Previous work on mammals found that protamines, used for packaging DNA into sperm heads, are expressed from the haploid genome after meiosis. Although it has been shown that protamines are also expressed in the insect D. melanogaster, and are expressed in diploid cells prior to meiosis [11], it has not been shown whether this expression occurs from a single allele, as in mammals, or if both alleles are expressed. Additionally, diploid expression has yet to be confirmed in other species of Drosophila. Here, we created transgenic hybrid flies that can produce protamines tagged by two fluorophores (GFP and RFP) from the diploid genome, but only one fluorophore (GFP or RFP) from the haploid genome.
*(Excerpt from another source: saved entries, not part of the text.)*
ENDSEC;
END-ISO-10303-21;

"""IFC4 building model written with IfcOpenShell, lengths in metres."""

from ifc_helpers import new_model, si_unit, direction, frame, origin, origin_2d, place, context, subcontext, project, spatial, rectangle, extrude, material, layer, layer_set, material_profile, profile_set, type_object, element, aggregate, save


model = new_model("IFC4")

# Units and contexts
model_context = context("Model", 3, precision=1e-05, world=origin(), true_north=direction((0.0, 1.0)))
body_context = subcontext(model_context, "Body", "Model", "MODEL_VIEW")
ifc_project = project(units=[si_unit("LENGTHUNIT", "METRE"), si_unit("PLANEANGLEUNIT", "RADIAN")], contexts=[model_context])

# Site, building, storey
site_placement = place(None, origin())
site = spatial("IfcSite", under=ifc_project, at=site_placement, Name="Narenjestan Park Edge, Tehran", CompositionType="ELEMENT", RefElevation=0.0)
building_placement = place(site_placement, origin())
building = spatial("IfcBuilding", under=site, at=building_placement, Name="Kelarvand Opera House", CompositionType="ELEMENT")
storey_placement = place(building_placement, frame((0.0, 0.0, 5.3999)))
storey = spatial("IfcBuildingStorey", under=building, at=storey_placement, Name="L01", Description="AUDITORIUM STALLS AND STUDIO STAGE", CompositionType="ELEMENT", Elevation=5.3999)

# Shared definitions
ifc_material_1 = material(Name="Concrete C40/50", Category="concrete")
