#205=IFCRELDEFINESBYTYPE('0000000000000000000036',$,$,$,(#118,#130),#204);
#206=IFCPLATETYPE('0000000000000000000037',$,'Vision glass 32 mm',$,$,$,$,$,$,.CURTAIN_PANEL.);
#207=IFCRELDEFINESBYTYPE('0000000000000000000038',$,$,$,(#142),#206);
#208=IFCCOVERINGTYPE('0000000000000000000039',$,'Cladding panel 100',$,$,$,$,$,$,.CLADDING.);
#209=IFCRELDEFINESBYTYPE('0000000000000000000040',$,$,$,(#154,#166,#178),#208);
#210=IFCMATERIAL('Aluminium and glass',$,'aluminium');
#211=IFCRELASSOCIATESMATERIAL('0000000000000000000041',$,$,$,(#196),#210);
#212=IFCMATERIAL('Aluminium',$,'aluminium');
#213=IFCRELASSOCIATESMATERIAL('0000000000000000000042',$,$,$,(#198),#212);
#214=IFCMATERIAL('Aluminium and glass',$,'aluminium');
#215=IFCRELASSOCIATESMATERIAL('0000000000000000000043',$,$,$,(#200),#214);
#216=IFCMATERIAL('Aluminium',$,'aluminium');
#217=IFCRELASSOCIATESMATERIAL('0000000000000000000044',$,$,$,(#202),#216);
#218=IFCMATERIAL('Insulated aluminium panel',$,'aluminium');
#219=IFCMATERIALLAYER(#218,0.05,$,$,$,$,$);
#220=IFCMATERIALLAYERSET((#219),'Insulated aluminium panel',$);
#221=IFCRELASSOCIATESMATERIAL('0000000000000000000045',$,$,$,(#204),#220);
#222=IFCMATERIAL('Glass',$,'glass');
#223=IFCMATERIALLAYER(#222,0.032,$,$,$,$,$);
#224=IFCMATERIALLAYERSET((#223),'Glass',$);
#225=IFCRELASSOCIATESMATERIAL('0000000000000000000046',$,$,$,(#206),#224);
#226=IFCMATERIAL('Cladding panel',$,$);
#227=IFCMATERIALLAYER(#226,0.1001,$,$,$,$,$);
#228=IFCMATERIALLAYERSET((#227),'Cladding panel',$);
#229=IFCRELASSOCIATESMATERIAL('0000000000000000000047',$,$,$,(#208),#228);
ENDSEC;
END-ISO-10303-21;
This allows us to determine if protamines are expressed during the haploid or diploid phase of the developing sperm, and if they are expressed in diploid cells, whether their expression derives from a single allele or both alleles.

To ensure the dual fluorescence from RFP and GFP in the transgenic hybrids is not a product of autofluorescence, male flies with only one transgene were dissected and sperm were scored for both red and green fluorescence (Figures 1(a)1(l)). Transgenic flies possessing either RFP- or GFP-tagged protamines in D. simulans (Figures 1(a)1(f)), as well as D. mauritiana (Figures 1(g)1(l)), exhibited only one signal (Figures 1(c), 1(f), 1(i), 1(l)). Male transgenic hybrids possessing both the GFP and RFP transgenes had sperm that fluoresced both green and red in D. simulans (Figures 2(a)2(f)) and D. mauritiana (Figures 2(g)2(l)). Signal from RFP- and GFP-tagged protamines could be seen without adjustments; however, contrast and brightness levels were adjusted to enhance visualization of the weaker RFP fluorophore. Although it was not possible to determine at which cellular stage protamines are expressed, since transcription of the fluorophore labelled protein may occur at an earlier stage than translation, we can definitively say that two fluorophores are present in each sperm head, and thus expression must occur within a diploid cell. Therefore, this provides concrete evidence that protamine expression, at least in the melanogaster subgroup of Drosophila, occurs at the diploid phase from both alleles, rather than in the haploid phase from a single allele, as observed in mammals [1517].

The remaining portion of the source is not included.